5 Tips to Keep Your Joints Healthy & Reduce Their Aging
When you are young, it is easy to forget how important your joints are for your overall quality of life. Your joints are what allow your skeleton to bend, as your joints are located where at least two bones meet one another. This bending is what allows you to perform everyday tasks. Without joints, you would be one cohesive group of bones, unable to participate in your environment.
Joints also consist of cartilage that lines each end of the bones. Cartilage is important in cushioning the bones in your joints. This cartilage can break down, as is the case in the development of osteoarthritis (which you may hear referred to as “wear and tear” arthritis).
Unfortunately, it is easy to neglect your joints, but you may pay the price as you age. That is why it is important to start looking after your joints at an early age, so that they will be there to support and serve you for years to come.
Goal Setting: How to Create an Action Plan and Achieve Your Goals (Worksmart)
Here are some helpful tips to keep your joints healthy:
1. Protect your joints –
Some activities are harder on your joints than others, or pose a greater risk of injury. For example, sparring in martial arts puts your joints at risk of injuries. Repeated jogging on pavement also increases risk of damage to your joints and cartilage.
It is therefore wise to choose low-impact exercises such as swimming, walking, or bicycling. However, if you will be participating in higher-risk activities, be aware of the potential for damage to occur to your joints and do your best to protect your joints. You can do this by wearing protective gear such as elbow pads, knee pads, or knee braces.
In addition, be sure to use your larger joints such as your elbows and shoulders to carry your purse, instead of your smaller hand joints.

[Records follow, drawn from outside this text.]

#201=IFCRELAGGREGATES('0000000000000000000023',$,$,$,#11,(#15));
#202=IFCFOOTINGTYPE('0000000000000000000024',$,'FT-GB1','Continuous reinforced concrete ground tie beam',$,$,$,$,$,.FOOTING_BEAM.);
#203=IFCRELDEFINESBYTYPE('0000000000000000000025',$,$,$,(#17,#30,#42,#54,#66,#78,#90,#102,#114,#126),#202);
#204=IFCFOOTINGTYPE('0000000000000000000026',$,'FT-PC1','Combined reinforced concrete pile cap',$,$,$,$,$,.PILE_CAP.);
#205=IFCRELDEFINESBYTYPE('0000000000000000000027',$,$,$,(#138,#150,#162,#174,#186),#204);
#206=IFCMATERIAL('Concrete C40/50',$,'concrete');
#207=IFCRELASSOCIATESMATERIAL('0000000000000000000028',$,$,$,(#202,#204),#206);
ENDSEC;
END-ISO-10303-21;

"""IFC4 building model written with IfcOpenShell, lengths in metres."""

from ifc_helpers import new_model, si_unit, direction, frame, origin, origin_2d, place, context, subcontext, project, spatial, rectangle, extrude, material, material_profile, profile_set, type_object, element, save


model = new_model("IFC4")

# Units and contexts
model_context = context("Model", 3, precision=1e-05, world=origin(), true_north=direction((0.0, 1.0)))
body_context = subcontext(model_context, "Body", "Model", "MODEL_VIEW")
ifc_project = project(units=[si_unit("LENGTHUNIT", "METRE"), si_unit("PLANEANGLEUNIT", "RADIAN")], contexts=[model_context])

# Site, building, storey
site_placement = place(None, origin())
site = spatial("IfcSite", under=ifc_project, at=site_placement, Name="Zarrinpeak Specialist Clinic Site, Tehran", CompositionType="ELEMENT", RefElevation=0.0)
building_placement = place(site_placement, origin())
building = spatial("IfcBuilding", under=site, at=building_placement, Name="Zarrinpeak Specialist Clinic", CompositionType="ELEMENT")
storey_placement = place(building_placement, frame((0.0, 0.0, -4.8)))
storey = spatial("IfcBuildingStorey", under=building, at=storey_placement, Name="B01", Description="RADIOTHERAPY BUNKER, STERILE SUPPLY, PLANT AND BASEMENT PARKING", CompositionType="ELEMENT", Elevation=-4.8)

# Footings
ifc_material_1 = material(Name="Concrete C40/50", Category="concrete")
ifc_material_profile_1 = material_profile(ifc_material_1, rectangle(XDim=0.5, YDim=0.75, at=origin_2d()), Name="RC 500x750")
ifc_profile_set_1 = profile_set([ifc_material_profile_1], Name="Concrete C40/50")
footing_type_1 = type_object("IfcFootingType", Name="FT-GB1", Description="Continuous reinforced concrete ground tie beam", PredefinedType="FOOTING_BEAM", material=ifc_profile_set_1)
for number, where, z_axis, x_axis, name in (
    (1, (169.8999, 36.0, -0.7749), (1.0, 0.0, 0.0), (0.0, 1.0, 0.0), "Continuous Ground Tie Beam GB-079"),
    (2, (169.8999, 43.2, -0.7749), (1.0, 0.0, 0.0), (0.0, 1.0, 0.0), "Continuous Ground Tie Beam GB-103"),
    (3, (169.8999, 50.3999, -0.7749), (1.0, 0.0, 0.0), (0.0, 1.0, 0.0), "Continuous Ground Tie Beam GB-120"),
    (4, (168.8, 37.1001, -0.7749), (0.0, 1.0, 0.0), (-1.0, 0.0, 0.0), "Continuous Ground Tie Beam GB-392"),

If you are injured, be sure to stop the activity and seek treatment in order that you can prevent further damage to your joints.
2. Lose weight –
Excess weight is especially detrimental to your weightbearing joints in your legs (knees, hips, ankles). This can become a vicious cycle if not dealt with. In other words, you gain weight, your joints are sore, and so you exercise less. You may need to consult a healthcare professional or a personal trainer to provide you with specific methods to get back on the road to health in all areas.
3. Do strength-training –
When you strengthen the muscles around your joints, these muscles help support your joints resulting in less stress placed on the latter.
If you strengthen your quadriceps and hamstrings muscles found in the front and back of your thighs respectively, you are providing more support for your knee joints. This reduces the risk of developing osteoarthritis in your knees.

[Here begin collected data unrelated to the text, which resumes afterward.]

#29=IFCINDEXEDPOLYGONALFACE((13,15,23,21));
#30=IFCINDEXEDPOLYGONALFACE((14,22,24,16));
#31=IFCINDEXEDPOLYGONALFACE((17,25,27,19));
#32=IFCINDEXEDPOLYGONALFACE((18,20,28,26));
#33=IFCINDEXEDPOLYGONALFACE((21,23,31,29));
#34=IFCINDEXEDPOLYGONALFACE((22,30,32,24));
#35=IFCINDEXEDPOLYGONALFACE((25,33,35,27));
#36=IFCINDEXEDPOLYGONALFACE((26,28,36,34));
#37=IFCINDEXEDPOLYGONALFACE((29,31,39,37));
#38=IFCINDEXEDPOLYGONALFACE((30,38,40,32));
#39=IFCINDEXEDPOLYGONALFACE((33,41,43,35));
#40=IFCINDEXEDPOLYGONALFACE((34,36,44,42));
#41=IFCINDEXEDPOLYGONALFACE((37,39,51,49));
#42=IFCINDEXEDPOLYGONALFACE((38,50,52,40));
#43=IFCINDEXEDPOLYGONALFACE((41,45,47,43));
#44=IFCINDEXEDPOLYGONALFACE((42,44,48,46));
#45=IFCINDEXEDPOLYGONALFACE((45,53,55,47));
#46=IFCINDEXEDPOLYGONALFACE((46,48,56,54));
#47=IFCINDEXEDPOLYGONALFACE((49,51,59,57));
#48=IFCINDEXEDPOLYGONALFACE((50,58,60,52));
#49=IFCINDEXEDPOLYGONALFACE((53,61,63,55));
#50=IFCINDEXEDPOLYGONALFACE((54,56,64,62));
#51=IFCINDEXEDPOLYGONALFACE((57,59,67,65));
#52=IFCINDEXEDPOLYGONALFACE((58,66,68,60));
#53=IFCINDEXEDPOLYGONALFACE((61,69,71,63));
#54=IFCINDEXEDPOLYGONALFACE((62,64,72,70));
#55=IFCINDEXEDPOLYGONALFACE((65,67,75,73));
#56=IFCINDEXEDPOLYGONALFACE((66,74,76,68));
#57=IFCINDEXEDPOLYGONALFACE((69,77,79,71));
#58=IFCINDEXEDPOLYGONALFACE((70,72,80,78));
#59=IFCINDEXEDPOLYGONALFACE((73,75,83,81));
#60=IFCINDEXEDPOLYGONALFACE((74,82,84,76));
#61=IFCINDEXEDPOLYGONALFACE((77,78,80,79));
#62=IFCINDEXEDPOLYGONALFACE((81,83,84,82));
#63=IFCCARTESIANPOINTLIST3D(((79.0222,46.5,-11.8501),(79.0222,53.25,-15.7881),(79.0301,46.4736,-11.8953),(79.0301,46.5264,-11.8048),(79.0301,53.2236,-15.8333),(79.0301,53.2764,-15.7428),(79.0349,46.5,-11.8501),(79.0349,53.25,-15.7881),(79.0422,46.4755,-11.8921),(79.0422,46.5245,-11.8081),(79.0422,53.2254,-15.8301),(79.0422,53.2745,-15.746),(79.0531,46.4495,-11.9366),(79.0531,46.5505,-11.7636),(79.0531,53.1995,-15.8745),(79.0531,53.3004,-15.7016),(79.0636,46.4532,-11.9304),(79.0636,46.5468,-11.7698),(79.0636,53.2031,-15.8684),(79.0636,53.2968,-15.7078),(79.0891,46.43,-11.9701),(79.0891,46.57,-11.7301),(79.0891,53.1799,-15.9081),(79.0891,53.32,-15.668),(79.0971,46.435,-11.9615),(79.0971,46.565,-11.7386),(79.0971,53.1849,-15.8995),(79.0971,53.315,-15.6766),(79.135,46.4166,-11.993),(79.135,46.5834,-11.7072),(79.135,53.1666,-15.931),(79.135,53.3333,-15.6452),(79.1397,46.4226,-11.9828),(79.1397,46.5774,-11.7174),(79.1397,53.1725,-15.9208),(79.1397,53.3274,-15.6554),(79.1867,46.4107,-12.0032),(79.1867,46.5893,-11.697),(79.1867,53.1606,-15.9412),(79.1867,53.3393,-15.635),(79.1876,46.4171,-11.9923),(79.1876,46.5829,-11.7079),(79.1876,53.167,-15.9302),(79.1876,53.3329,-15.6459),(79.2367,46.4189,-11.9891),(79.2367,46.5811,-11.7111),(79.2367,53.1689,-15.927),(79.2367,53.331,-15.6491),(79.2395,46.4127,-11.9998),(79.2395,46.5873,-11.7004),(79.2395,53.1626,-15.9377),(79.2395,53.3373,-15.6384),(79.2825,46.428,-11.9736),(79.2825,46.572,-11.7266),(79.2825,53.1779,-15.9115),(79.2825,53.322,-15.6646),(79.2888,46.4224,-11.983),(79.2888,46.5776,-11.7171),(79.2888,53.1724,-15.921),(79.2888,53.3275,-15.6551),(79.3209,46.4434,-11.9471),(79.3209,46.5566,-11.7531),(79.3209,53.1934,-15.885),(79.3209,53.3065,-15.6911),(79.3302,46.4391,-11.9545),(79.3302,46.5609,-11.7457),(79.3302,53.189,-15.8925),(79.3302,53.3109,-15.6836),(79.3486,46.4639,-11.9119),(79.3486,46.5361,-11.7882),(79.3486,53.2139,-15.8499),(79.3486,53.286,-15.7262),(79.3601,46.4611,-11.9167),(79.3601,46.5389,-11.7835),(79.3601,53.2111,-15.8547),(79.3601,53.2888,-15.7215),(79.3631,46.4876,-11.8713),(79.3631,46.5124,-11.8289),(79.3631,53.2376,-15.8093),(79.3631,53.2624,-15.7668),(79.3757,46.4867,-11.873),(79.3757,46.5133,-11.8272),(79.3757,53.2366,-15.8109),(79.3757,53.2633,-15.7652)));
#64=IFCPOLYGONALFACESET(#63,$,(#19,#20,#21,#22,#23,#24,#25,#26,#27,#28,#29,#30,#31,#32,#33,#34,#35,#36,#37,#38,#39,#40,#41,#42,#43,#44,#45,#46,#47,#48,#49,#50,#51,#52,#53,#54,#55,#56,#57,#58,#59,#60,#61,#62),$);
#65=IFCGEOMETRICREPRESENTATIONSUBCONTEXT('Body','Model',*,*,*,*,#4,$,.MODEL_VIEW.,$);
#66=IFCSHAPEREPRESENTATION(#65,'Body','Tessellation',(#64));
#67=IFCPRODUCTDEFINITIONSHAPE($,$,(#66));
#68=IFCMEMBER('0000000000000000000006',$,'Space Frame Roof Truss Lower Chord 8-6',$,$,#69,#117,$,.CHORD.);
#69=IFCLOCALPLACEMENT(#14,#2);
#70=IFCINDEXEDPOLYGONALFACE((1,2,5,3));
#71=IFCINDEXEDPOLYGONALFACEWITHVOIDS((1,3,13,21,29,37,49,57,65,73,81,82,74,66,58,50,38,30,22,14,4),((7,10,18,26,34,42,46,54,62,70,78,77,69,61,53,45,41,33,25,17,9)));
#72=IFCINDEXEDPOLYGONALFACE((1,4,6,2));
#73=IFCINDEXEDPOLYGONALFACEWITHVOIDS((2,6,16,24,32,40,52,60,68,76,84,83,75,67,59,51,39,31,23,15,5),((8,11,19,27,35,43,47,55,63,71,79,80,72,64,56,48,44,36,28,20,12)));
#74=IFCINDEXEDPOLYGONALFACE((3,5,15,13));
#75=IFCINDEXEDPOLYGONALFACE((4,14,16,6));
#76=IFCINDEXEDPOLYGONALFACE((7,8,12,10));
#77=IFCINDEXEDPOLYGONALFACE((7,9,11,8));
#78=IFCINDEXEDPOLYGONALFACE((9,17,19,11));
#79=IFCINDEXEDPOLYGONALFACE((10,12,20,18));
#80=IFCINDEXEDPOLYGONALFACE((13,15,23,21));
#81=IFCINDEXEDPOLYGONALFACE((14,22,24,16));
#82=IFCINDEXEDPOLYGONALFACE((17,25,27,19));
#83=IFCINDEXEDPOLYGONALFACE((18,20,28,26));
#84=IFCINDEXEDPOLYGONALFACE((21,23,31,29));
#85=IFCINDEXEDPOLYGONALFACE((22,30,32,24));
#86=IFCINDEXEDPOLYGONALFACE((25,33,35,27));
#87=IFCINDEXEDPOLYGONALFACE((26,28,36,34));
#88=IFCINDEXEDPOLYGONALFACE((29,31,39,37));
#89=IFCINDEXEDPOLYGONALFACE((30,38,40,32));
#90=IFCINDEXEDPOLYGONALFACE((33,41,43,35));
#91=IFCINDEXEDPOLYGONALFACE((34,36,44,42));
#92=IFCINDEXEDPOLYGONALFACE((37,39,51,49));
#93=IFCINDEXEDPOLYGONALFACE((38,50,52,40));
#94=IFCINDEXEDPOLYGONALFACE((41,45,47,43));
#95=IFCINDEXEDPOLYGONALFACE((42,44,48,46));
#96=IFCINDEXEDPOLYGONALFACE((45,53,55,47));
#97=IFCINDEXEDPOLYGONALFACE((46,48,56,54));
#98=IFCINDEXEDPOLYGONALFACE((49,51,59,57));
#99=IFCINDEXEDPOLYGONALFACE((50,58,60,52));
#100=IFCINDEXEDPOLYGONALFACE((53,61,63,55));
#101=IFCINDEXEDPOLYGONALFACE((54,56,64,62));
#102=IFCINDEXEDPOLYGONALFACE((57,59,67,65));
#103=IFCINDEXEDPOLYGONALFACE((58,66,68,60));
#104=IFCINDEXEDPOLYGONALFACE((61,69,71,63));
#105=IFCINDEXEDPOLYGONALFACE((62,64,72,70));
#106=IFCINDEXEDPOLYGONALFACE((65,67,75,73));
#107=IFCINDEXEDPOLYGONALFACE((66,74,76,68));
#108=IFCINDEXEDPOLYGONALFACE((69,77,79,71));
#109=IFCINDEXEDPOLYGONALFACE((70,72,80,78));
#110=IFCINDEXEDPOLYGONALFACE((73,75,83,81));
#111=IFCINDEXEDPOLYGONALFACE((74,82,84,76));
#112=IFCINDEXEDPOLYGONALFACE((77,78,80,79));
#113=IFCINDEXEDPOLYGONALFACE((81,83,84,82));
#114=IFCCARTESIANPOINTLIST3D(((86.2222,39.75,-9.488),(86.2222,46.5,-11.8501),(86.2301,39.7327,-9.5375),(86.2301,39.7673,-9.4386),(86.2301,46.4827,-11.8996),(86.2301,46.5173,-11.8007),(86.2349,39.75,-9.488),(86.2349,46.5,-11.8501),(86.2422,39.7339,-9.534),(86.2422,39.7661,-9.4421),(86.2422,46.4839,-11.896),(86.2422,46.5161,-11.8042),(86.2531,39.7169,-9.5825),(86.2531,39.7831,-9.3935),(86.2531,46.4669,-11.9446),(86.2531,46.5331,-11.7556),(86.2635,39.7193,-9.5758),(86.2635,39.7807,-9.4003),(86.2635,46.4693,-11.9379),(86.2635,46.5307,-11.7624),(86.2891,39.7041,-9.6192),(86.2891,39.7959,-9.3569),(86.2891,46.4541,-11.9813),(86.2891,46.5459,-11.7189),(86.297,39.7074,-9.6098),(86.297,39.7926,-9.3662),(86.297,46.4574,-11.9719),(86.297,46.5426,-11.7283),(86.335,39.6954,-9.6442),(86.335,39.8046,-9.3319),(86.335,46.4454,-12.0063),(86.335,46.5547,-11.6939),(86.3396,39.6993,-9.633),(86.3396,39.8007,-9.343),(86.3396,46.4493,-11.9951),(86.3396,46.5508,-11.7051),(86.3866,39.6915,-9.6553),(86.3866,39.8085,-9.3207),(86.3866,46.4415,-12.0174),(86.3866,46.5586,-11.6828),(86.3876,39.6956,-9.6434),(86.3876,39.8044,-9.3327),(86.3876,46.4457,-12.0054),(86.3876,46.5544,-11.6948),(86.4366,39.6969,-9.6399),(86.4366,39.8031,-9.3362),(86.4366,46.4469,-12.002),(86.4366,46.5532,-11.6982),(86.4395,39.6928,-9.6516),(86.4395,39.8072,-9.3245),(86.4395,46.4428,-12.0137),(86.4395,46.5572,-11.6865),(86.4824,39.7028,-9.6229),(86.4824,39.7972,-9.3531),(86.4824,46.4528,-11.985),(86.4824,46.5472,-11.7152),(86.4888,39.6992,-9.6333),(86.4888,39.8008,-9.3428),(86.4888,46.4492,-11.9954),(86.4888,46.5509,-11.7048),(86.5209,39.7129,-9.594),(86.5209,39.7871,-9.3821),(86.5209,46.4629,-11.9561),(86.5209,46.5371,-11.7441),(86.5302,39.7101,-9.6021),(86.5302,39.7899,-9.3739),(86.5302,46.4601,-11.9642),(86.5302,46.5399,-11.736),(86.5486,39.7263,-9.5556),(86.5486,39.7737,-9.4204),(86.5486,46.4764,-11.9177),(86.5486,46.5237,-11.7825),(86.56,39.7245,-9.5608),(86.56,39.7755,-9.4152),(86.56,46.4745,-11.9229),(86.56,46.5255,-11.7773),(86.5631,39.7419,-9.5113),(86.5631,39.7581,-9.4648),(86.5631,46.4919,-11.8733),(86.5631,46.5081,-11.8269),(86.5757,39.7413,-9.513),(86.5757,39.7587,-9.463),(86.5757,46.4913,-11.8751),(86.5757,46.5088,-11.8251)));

You also want to strengthen your abdominal muscles. When you have stronger abdominals, your balance also improves. This can help you prevent damage to joints, as your chances for falls decrease as your balance improves.
4. Watch what you eat –
Some foods promote inflammation throughout the body, including the joints. Omega 3’s, however, are good for you, as they are known to reduce inflammation. The best sources of Omega 3’s are found in coldwater fish such as salmon. You can also take Omega 3’s in supplement form. Be careful not to add extra Omega 6’s into your diet, as the North American diet gets enough of these already, and they have been reported to increase inflammation.
5. Take supplements
Glucosamine and chondroitin are two products that naturally make up cartilage in your body. You can also purchase glucosamine and chondroitin in supplement form, but there is limited scientific evidence suggesting that they are beneficial. Nonetheless, some people swear by these products, and use them to keep their joints healthy.